Book review: Healthy Choices, Healthy Children

Parenting has given me many opportunities to reflect on food and eating.  As newborns, my kids were wildly different in their eating habits.  One gained weight alarmingly slowly, the other welcomed it with ease (guess which one has my metabolism?).  Later, each of the boys went through fussy periods where the repertoire of accepted dishes was frustratingly small (Luke, alas, has not yet exited this particular phase).  And as a mom, I find I’m reflecting more than before on the nutritional value of the foods I serve.  I want my kids to be healthy eaters who appreciate a wide range of foods, but it’s not always so easy to know how to make that happen.
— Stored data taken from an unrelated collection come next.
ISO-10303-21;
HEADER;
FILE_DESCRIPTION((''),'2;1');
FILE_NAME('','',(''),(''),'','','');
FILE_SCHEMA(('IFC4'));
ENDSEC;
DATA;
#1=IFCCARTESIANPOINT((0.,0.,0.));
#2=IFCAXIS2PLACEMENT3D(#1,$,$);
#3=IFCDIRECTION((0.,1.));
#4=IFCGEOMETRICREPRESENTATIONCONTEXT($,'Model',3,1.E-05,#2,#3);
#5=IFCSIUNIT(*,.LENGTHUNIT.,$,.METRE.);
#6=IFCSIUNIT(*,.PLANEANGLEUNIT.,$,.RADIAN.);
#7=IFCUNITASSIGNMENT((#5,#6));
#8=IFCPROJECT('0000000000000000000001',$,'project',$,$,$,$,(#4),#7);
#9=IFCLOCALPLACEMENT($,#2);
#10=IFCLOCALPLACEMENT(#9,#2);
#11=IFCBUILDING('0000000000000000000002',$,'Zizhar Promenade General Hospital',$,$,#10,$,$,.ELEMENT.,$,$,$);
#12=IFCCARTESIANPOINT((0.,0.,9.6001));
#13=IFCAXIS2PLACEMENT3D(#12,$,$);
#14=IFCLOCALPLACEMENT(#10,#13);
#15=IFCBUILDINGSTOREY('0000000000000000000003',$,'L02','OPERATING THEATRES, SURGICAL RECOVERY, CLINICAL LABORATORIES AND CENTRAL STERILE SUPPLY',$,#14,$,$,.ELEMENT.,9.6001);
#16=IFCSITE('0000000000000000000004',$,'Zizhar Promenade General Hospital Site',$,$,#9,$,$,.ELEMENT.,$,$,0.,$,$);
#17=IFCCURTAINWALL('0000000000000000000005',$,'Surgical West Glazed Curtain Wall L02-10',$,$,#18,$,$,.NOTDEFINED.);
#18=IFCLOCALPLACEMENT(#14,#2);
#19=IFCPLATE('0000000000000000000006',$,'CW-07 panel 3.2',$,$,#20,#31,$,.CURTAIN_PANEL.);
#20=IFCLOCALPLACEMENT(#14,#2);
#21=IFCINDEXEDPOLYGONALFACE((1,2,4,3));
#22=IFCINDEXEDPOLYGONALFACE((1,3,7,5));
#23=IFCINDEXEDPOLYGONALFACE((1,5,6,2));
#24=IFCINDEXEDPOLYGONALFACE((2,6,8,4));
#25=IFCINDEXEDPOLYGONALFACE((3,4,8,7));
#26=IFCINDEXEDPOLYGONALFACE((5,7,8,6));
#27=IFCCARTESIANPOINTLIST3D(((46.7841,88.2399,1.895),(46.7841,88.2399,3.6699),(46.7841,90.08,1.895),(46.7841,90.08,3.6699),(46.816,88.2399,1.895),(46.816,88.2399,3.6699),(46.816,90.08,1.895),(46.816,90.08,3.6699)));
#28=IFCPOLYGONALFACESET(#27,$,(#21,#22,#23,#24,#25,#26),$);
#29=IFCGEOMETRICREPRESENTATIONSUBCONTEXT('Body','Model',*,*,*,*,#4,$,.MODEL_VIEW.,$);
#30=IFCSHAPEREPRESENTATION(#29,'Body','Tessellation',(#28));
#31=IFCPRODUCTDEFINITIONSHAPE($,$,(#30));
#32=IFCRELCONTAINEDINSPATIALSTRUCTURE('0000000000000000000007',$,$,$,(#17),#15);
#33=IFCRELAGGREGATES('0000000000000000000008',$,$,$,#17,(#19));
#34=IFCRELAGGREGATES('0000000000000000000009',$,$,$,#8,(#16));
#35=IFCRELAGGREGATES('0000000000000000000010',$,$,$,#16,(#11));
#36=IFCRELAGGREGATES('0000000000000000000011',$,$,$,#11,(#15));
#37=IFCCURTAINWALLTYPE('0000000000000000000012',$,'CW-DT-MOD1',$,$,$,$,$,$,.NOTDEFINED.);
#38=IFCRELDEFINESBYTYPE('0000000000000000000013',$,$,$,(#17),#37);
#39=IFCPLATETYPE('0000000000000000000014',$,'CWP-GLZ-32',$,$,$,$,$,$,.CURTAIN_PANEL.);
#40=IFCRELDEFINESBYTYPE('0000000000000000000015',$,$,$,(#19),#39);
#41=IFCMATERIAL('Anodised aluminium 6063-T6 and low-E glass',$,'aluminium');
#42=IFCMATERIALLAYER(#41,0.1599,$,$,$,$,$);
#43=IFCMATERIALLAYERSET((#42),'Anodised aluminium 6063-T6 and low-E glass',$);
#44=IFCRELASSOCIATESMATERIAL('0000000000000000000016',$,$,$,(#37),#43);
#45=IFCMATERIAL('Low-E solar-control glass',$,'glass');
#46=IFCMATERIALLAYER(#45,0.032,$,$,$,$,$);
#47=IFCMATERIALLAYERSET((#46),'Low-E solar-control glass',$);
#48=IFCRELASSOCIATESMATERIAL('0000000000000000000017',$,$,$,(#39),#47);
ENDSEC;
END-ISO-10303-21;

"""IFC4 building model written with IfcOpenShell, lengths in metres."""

from ifc_helpers import new_model, si_unit, direction, frame, origin, origin_2d, place, context, subcontext, project, spatial, rectangle, extrude, material, layer, layer_set, type_object, element, aggregate, save


model = new_model("IFC4")

# Units and contexts
model_context = context("Model", 3, precision=1e-05, world=origin(), true_north=direction((0.0, 1.0)))
body_context = subcontext(model_context, "Body", "Model", "MODEL_VIEW")
ifc_project = project(units=[si_unit("LENGTHUNIT", "METRE"), si_unit("PLANEANGLEUNIT", "RADIAN")], contexts=[model_context])

# Site, building, storey
site_placement = place(None, origin())
site = spatial("IfcSite", under=ifc_project, at=site_placement, Name="Zizhar Promenade General Hospital Site", CompositionType="ELEMENT", RefElevation=0.0)
building_placement = place(site_placement, origin())
building = spatial("IfcBuilding", under=site, at=building_placement, Name="Zizhar Promenade General Hospital", CompositionType="ELEMENT")
storey_placement = place(building_placement, frame((0.0, 0.0, 9.6001)))
storey = spatial("IfcBuildingStorey", under=building, at=storey_placement, Name="L02", Description="OPERATING THEATRES, SURGICAL RECOVERY, CLINICAL LABORATORIES AND CENTRAL STERILE SUPPLY", CompositionType="ELEMENT", Elevation=9.6001)

# Curtain wall, plate
ifc_material_1 = material(Name="Anodised aluminium 6063-T6 and low-E glass", Category="aluminium")
ifc_layer_1 = layer(ifc_material_1, 0.1599)
ifc_layer_set_1 = layer_set([ifc_layer_1], Name="Anodised aluminium 6063-T6 and low-E glass")
curtain_wall_type_1 = type_object("IfcCurtainWallType", Name="CW-DT-MOD1", PredefinedType="NOTDEFINED", material=ifc_layer_set_1)
curtain_wall_1_placement = place(storey_placement, origin())
curtain_wall_1 = element("IfcCurtainWall", 1, at=curtain_wall_1_placement, inside=storey, type_object=curtain_wall_type_1, Name="Surgical West Glazed Curtain Wall L02-10", PredefinedType="NOTDEFINED")
ifc_material_2 = material(Name="Low-E solar-control glass", Category="glass")
ifc_layer_2 = layer(ifc_material_2, 0.032)
ifc_layer_set_2 = layer_set([ifc_layer_2], Name="Low-E solar-control glass")
plate_type = type_object("IfcPlateType", Name="CWP-GLZ-32", PredefinedType="CURTAIN_PANEL", material=ifc_layer_set_2)
plate_1_placement = place(storey_placement, frame((46.8, 89.1599, 1.895), z_axis=(0.0, 0.0, 1.0), x_axis=(0.0, 1.0, 0.0)))
plate_1 = element("IfcPlate", 2, at=plate_1_placement, type_object=plate_type, Name="CW-07 panel 3.2", PredefinedType="CURTAIN_PANEL", context=body_context, shape_type="SweptSolid", body=[
    extrude(rectangle(XDim=1.8401, YDim=0.032, at=origin_2d()), origin(), (0.0, 0.0, 1.0), 1.7749),
])
aggregate(curtain_wall_1, [plate_1])

save(model, "model.ifc")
So it was fortuitous that Paraclete Press sent me a review copy of Healthy Choices, Healthy Children: A Guide to Raising Fit, Happy Kids by Lori S. Brizee and Sue Schumann Warner.  The book is a wonderfully helpful primer for parents, full of practical and concrete advice.  Brizee, a registered dietician and pediatric nutrition specialist, explains the hows and whats of healthy eating in an accessible and encouraging tone.  I like how she acknowledges the busy lifestyle of  many families and gives tips that are realistic.  For example, rather than saying “Don’t buy takeout!”, she gives tips for how to make those inevitable meals healthier and more relaxed (rather than eating in the car, allow even ten or fifteen minutes to eat at a table in the restaurant; if you all like fries, get just one large order to share).  She advises parents to involve their kids in grocery shopping, explaining why you are buying what you are buying in order to help kids understand nutrition from an early age.
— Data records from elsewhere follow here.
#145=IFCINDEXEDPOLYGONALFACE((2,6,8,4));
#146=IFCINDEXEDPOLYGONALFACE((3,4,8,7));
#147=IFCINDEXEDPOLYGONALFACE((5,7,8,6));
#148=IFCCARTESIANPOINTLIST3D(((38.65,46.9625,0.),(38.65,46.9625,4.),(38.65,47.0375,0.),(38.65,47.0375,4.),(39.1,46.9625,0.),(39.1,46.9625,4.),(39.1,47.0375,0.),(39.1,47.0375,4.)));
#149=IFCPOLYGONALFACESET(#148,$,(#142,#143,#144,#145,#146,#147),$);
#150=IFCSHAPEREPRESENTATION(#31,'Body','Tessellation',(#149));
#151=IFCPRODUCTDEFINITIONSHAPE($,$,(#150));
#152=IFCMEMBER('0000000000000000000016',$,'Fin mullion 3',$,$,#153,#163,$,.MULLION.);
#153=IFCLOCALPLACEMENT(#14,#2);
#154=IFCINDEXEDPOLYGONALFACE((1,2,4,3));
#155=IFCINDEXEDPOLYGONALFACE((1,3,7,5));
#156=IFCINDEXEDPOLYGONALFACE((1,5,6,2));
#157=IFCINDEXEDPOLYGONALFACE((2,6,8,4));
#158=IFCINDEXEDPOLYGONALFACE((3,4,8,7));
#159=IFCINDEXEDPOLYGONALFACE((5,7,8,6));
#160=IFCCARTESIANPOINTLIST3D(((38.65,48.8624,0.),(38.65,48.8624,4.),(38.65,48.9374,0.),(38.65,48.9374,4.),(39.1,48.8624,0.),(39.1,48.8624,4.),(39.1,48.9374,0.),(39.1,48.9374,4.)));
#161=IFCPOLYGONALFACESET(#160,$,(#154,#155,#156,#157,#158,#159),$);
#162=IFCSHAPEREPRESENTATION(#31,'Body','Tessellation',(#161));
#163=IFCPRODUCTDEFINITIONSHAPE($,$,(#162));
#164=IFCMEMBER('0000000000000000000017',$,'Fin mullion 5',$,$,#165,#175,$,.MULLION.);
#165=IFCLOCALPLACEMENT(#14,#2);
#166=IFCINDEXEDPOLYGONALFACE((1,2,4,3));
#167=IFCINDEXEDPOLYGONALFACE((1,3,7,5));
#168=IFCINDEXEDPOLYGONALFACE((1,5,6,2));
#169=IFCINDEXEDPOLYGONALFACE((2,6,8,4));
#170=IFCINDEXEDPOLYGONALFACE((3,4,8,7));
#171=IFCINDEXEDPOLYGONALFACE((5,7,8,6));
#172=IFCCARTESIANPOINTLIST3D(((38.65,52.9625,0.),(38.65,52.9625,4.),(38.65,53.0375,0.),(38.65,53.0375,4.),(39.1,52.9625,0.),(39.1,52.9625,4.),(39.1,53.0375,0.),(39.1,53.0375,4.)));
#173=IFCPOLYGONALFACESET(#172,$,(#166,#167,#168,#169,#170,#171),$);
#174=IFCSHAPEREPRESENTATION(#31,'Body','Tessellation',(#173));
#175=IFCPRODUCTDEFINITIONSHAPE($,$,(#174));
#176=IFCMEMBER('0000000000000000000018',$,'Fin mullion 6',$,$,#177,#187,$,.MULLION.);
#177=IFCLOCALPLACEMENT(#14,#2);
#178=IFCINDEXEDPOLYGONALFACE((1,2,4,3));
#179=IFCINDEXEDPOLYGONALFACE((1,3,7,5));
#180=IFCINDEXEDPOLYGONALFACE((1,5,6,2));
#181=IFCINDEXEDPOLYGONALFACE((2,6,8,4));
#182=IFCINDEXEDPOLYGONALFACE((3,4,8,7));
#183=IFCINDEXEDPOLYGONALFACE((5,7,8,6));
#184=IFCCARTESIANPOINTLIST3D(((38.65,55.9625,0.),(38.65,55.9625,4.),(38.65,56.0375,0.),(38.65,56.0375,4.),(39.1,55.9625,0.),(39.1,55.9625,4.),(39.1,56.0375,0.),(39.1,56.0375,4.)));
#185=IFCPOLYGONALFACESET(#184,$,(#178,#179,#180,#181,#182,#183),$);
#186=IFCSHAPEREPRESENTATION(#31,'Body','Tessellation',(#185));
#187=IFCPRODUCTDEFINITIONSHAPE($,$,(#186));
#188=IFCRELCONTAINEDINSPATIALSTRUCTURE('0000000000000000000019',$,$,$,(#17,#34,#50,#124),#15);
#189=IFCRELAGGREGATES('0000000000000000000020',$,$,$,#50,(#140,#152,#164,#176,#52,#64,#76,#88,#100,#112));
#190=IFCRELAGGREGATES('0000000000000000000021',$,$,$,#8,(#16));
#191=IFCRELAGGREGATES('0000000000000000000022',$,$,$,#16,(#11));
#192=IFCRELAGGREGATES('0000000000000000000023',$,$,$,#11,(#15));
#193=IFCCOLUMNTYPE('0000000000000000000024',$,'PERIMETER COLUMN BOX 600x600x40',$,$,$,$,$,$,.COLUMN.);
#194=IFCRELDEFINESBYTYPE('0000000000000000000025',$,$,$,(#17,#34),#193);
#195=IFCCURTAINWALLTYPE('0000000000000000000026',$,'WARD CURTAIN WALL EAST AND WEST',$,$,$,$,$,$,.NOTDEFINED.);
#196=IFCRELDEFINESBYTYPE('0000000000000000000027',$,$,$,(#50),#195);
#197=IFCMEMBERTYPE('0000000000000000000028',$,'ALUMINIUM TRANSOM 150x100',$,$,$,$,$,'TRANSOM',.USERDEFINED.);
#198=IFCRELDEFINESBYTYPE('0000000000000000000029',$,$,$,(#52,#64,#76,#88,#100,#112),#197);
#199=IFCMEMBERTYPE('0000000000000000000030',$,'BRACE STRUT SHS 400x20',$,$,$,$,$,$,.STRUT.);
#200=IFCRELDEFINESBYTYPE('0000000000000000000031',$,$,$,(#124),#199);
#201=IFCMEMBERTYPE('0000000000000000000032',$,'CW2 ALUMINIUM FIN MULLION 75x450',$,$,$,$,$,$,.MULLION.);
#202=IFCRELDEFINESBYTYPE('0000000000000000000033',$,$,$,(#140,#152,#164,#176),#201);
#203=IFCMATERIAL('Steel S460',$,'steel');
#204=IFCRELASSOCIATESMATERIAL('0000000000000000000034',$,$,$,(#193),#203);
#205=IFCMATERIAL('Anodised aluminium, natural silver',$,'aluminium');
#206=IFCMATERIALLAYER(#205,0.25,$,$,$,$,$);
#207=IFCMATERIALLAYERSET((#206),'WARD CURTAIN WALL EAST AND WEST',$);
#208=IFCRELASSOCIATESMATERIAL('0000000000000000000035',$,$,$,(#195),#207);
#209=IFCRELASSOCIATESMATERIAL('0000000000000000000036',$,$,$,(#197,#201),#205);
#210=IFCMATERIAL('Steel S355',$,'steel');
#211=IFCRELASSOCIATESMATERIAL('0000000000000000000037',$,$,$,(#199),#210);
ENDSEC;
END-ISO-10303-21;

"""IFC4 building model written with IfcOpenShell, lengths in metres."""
One of my favorite insights of hers was to think about the pros and cons of buying the larger size — yes, it may be more economical to buy a half-gallon of ice cream rather than a pint, but if it means that everyone ends up eating twice the amount of ice cream that they should, is that really worth it?   Will I feel better about the fact that I saved money, or will I feel better about the fact that my kids ate a healthy amount of dessert?

Throughout the book, Brizee gives suggestions of quick, healthy meals that kids like, and there is a lengthy appendix at the end with even more recipes (even recipe for healthy desserts!).    She covers topics like exercise, weight issues, the sleep/health connection, and has a helpful chapter on eating disorders.  And I like how, at the end of every chapter, she gives a list of “Actions for the Week” and invites readers to choose one or two of them to adopt.  The book steers clear of finger-wagging and guilt, and is ultimately a very encouraging and empowering read.  If one of your New Year’s Resolutions is about developing a healthier lifestyle — either for yourself or for your kids — then this is a great resource to have.